A possible way to investigate the regimes of a non-linear dynamical system in general and in a model of wind musical instrument in particular is to discretise the parameters space and simulate the model for each point (i.e. each set of parameters), to determine which regime is reached after any transient dynamics has died out. This strategy has been used in [1] but quickly becomes time-consuming when the discretisation gets finer due to the large number of simulations to perform. A more refined method, based on the Explicit Design Space Decomposition (EDSD) technique developed in the series of papers [11–16], has been proposed in [17] and used in [18, 19] to study the clarinet regimes. The EDSD method computes a decomposition of the so-called design space (here the space of control parameters) using Support Vector Machines (SVM) which are easily computable functions whose set of zeros defines the boundary of regions in which the different regimes are observed. Compared to the discretisation of the parameters space, this approach requires a much lower number of time-domain simulations of the considered model.

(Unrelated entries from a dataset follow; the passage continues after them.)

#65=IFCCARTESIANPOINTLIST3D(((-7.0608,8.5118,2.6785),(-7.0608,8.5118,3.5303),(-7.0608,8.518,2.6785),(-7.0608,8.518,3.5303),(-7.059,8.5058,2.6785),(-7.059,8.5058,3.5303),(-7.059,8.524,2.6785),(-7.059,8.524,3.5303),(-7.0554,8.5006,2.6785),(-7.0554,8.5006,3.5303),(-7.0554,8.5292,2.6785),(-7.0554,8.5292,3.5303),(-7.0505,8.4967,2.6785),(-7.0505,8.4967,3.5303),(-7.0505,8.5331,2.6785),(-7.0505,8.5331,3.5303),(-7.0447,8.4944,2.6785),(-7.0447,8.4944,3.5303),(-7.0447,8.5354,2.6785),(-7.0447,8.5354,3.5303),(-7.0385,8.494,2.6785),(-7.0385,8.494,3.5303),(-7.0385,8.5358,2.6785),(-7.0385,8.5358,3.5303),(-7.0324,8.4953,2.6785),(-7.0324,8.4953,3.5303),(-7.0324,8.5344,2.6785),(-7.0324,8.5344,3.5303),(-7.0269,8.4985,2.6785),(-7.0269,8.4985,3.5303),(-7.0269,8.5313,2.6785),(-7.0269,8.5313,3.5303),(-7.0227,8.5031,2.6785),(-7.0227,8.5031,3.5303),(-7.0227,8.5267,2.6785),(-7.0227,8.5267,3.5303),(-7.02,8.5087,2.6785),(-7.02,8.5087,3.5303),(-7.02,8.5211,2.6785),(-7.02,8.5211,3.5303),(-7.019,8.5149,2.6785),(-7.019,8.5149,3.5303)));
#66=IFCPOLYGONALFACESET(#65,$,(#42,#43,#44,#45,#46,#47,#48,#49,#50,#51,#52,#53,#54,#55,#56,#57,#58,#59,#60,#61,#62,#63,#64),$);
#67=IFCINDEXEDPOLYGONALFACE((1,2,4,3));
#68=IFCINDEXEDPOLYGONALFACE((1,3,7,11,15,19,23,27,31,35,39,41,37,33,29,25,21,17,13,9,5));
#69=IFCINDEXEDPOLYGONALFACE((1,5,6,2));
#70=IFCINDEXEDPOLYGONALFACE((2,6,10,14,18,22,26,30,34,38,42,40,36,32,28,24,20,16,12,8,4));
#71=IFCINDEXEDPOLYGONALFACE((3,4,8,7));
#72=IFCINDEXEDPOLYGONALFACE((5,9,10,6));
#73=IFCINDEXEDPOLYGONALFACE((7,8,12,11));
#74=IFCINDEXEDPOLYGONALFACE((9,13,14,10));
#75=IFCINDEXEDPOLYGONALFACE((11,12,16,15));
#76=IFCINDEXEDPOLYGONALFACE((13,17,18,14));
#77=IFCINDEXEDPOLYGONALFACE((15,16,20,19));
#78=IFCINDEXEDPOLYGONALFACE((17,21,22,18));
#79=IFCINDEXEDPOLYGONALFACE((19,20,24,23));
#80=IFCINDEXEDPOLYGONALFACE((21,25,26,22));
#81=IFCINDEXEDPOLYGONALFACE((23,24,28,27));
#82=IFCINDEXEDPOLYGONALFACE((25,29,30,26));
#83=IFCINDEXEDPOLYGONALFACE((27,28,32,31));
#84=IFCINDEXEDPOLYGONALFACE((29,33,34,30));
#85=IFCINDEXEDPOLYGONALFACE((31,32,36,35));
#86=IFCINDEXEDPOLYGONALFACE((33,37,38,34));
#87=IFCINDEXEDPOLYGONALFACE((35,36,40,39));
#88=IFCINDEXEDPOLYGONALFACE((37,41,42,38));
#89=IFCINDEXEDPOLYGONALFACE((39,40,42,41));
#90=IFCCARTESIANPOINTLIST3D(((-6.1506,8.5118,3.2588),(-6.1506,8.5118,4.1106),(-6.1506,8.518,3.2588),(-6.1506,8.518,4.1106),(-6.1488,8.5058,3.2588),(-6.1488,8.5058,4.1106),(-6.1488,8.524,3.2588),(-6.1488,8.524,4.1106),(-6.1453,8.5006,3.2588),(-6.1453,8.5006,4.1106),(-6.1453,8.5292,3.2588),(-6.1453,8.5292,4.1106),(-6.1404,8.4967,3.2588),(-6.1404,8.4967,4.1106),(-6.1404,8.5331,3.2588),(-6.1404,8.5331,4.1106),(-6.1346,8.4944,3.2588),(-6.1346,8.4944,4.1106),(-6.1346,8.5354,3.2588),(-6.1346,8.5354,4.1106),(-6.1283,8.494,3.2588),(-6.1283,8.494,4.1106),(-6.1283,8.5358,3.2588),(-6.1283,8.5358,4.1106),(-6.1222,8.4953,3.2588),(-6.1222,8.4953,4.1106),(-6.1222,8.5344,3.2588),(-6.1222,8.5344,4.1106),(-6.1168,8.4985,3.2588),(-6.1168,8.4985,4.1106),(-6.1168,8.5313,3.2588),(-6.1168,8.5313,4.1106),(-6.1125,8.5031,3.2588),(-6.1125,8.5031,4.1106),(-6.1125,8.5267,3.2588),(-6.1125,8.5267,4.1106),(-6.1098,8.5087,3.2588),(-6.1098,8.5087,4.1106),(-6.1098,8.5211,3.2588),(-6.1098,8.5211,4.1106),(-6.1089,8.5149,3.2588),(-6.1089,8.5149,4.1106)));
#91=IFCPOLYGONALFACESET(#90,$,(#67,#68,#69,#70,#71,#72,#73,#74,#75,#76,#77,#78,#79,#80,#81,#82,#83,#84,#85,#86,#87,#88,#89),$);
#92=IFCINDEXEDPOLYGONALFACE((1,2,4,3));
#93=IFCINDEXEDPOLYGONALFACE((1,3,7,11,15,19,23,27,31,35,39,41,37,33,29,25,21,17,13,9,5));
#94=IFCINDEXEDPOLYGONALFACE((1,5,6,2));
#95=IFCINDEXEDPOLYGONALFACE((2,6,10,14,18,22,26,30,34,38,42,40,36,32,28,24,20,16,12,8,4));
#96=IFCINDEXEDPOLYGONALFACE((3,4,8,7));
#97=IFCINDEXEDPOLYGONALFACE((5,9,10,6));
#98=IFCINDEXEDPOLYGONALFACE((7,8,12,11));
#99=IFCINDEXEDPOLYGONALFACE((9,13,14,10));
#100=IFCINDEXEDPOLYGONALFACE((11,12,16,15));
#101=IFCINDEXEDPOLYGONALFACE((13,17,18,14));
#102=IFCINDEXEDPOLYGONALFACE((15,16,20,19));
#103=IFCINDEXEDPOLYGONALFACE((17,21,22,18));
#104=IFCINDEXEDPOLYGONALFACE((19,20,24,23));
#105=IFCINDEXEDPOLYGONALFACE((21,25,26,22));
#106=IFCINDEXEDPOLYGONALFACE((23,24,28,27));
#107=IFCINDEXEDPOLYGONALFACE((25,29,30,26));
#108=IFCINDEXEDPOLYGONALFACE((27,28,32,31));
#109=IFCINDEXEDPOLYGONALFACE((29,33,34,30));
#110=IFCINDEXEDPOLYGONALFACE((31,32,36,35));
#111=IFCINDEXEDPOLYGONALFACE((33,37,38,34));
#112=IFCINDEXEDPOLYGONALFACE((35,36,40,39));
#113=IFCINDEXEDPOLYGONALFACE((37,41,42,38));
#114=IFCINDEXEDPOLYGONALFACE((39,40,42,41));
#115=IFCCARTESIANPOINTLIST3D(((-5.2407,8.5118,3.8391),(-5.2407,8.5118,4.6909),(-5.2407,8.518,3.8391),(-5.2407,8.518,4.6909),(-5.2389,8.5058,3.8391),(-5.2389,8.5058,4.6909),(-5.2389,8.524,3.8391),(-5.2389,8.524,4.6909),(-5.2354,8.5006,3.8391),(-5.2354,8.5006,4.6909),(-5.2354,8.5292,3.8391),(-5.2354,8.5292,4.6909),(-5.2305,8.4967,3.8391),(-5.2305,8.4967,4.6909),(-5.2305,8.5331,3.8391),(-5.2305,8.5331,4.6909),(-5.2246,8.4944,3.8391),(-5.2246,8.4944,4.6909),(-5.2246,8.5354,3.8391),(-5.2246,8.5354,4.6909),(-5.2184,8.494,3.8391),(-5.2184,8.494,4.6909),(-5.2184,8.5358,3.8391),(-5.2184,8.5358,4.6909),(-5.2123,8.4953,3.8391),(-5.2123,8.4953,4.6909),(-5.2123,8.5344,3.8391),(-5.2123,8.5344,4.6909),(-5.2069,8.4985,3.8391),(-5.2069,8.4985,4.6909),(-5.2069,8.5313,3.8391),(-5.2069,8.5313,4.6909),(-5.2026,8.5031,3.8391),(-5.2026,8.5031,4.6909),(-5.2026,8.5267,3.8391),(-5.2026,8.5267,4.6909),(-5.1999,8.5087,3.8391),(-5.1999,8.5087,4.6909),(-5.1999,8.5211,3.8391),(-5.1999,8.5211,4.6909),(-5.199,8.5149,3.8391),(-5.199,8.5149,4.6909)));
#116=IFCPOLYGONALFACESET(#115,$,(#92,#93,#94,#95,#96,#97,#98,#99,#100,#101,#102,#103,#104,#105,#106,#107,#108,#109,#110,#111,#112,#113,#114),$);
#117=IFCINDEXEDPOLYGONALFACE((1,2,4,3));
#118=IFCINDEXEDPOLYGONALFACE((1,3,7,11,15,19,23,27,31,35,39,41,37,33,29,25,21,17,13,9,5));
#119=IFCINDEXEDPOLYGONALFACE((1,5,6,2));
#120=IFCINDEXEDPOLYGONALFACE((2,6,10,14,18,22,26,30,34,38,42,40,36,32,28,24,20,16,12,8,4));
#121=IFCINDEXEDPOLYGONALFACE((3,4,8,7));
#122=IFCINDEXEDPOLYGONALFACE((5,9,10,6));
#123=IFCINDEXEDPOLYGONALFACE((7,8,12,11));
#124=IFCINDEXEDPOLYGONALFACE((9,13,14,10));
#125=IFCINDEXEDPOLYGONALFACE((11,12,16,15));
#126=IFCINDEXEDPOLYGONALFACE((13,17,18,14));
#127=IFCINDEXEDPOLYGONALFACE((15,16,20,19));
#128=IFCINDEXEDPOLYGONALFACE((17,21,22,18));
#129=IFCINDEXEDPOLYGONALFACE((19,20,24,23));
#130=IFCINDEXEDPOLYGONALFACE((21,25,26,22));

Here we introduce the python library pyEDSD, which computes a SVM decomposition of the design space with respect to a black box function. It is largely inspired by the aforementioned works on EDSD which led to the part of the CODES Matlab library dedicated to EDSD¹. The possibilities of pyEDSD are illustrated here on a physical model of a trombone: in the space of the blowing pressure and lip resonance frequency (the two main control parameters) we compute the boundaries between the different observed periodic regimes for a given set of initial conditions. The library itself is introduced in Section 2: notions on main elements of the method, such as SVM, are recalled and the possibilities of pyEDSD are illustrated in explicit examples coded in python. In Section 3, the method is applied to the cartography of the different periodic regimes (corresponding to musical notes) of the trombone in the space of the two main control parameters of the musician. This section also entails a discussion on the so-called complex and real representations of the input impedance, and gives further reasons for favouring the real one.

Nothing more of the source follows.